Nellen Ruud G L, van Marion Arienne M W, Frank Jorge, Poblete-Gutiérrez Pamela, Steijlen Peter M
Department of Dermatology, Maastricht University Medical Center, The Netherlands.
Int J Dermatol. 2008 Nov;47 Suppl 1:32-4. doi: 10.1111/j.1365-4632.2008.03956.x.
Maculopapular exanthemas have a particular high incidence among patients treated with autologous hematopoietic stem cell transplantation (HSCT). In most cases, a viral or drug induced origin is easily identified. However, the transplantation itself may also induce similar skin changes. These exanthemas are known under various names, such as autologous graft-versus-host disease (GVHD), engraftment syndrome (ES) or eruption of lymphocyte recovery (ELR). Given the clinical and histopathological similarities of these disorders, it can prove difficult to establish a diagnosis. Here, we describe a patient who developed a maculopapular exanthema after autologous stem cell transplantation for multiple myeloma, diagnosed as autologous GVHD. We also briefly review the current knowledge of the pathogenesis of autologous GVHD, ES, and ELR. Based on these data we would like to suggest that the latter two do not reflect own disease entities but rather different presentations of autologous GVHD.
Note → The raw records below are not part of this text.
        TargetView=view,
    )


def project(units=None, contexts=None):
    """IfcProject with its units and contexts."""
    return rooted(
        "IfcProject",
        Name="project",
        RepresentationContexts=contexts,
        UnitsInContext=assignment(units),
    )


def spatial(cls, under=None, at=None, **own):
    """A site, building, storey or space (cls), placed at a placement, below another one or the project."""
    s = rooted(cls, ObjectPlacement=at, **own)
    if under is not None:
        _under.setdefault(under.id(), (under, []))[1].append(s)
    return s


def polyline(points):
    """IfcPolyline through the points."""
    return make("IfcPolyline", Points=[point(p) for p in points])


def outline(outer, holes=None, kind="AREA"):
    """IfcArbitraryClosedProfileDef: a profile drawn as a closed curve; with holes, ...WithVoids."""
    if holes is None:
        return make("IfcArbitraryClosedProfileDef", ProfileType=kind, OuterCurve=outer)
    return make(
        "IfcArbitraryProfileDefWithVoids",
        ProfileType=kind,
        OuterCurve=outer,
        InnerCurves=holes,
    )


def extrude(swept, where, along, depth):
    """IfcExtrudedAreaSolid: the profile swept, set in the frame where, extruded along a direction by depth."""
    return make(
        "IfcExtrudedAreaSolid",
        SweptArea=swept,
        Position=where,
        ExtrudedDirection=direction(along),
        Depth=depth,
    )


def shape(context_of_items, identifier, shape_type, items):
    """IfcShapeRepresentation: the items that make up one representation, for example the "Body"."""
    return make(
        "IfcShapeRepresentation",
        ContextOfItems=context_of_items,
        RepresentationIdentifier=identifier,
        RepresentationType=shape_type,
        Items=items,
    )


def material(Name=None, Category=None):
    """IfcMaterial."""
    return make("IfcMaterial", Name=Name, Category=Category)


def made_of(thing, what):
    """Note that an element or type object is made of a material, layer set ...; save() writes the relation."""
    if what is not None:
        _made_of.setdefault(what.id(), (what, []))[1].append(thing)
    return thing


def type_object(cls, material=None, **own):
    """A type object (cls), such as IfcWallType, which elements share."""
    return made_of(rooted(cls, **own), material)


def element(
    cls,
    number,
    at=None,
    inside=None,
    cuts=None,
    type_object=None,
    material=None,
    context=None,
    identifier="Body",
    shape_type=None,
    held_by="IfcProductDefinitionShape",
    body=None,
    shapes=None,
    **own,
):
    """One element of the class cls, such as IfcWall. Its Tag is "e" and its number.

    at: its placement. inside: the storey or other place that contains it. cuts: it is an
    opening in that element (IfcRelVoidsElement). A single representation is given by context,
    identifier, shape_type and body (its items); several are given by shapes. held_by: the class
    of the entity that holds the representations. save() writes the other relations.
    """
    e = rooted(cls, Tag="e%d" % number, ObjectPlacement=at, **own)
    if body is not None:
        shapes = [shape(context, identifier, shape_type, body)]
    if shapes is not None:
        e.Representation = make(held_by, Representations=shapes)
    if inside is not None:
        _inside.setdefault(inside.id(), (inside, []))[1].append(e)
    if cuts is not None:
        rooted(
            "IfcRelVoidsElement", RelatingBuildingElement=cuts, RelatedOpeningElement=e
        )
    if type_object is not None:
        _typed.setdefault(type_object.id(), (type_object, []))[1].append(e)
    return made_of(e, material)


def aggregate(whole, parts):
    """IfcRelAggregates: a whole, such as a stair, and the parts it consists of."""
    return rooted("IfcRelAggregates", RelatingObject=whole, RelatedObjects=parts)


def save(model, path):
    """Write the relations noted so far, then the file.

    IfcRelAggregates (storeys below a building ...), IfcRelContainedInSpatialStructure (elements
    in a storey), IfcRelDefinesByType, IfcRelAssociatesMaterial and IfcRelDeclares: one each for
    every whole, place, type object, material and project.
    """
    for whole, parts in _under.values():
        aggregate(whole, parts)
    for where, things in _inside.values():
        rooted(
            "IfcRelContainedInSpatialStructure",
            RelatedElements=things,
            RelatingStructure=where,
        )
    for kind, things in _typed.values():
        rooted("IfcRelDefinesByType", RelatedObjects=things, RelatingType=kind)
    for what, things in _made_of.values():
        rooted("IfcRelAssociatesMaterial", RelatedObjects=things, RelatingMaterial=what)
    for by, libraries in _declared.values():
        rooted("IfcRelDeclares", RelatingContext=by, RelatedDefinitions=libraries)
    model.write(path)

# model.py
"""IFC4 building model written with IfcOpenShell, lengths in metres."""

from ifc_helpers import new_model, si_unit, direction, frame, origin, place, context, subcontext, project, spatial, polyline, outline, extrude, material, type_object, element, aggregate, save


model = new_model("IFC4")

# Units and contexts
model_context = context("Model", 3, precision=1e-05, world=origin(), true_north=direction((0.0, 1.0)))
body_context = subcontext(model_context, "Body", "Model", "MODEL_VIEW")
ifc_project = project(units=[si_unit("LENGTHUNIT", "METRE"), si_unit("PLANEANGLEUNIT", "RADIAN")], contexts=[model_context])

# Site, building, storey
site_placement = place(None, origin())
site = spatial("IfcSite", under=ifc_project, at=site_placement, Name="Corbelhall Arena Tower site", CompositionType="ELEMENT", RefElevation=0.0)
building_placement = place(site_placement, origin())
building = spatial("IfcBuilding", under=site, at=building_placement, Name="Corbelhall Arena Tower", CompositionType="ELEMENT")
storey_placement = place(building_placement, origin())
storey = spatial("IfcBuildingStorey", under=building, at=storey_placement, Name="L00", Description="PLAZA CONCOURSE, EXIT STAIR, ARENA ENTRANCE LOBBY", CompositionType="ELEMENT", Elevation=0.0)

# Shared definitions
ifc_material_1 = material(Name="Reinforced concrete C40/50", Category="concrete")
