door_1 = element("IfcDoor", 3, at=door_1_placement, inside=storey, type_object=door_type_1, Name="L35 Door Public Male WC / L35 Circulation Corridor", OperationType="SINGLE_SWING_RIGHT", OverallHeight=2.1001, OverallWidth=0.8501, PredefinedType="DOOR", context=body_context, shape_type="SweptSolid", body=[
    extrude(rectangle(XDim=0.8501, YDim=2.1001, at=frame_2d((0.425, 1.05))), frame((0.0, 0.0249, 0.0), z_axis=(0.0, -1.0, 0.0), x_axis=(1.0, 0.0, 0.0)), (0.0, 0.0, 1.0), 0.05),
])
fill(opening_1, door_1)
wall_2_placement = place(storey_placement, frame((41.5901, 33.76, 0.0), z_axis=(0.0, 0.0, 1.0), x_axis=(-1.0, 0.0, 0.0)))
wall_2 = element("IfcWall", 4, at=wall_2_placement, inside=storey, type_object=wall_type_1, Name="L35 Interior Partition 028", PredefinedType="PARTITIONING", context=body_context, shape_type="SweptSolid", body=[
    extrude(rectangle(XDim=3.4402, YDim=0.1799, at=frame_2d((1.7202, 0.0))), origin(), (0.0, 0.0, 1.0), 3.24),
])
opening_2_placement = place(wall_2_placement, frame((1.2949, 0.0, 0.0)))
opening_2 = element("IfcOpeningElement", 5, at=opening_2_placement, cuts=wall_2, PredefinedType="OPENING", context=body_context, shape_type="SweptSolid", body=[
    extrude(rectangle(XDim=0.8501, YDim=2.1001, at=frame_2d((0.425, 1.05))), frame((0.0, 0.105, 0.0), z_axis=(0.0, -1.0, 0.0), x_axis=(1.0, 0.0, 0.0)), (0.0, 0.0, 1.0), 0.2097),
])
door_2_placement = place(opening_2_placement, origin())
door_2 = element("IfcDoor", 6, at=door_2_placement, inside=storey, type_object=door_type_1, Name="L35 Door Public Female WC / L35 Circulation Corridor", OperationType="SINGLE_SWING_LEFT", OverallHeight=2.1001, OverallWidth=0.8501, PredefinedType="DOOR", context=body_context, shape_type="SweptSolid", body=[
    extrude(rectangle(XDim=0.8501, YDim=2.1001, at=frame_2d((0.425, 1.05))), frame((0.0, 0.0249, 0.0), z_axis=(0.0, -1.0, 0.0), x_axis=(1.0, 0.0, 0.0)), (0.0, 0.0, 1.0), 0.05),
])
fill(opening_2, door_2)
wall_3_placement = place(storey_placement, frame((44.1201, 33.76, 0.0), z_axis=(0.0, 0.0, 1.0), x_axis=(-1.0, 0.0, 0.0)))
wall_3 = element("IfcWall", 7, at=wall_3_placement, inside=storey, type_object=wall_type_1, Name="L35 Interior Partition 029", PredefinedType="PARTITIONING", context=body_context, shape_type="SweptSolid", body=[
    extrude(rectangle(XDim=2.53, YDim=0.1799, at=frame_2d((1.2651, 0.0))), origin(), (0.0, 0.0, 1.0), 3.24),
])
斑丘疹性皮疹在接受自体造血干细胞移植(HSCT)治疗的患者中发病率特别高。在大多数情况下,病毒或药物引起的病因很容易确定。然而,移植本身也可能诱发类似的皮肤变化。这些皮疹有各种名称,如自体移植物抗宿主病(GVHD)、植入综合征(ES)或淋巴细胞恢复性皮疹(ELR)。鉴于这些疾病在临床和组织病理学上的相似性,可能难以做出诊断。在此,我们描述了一名在自体干细胞移植治疗多发性骨髓瘤后出现斑丘疹性皮疹的患者,诊断为自体GVHD。我们还简要回顾了目前关于自体GVHD、ES和ELR发病机制的知识。基于这些数据,我们认为后两者并非独立的疾病实体,而是自体GVHD的不同表现形式。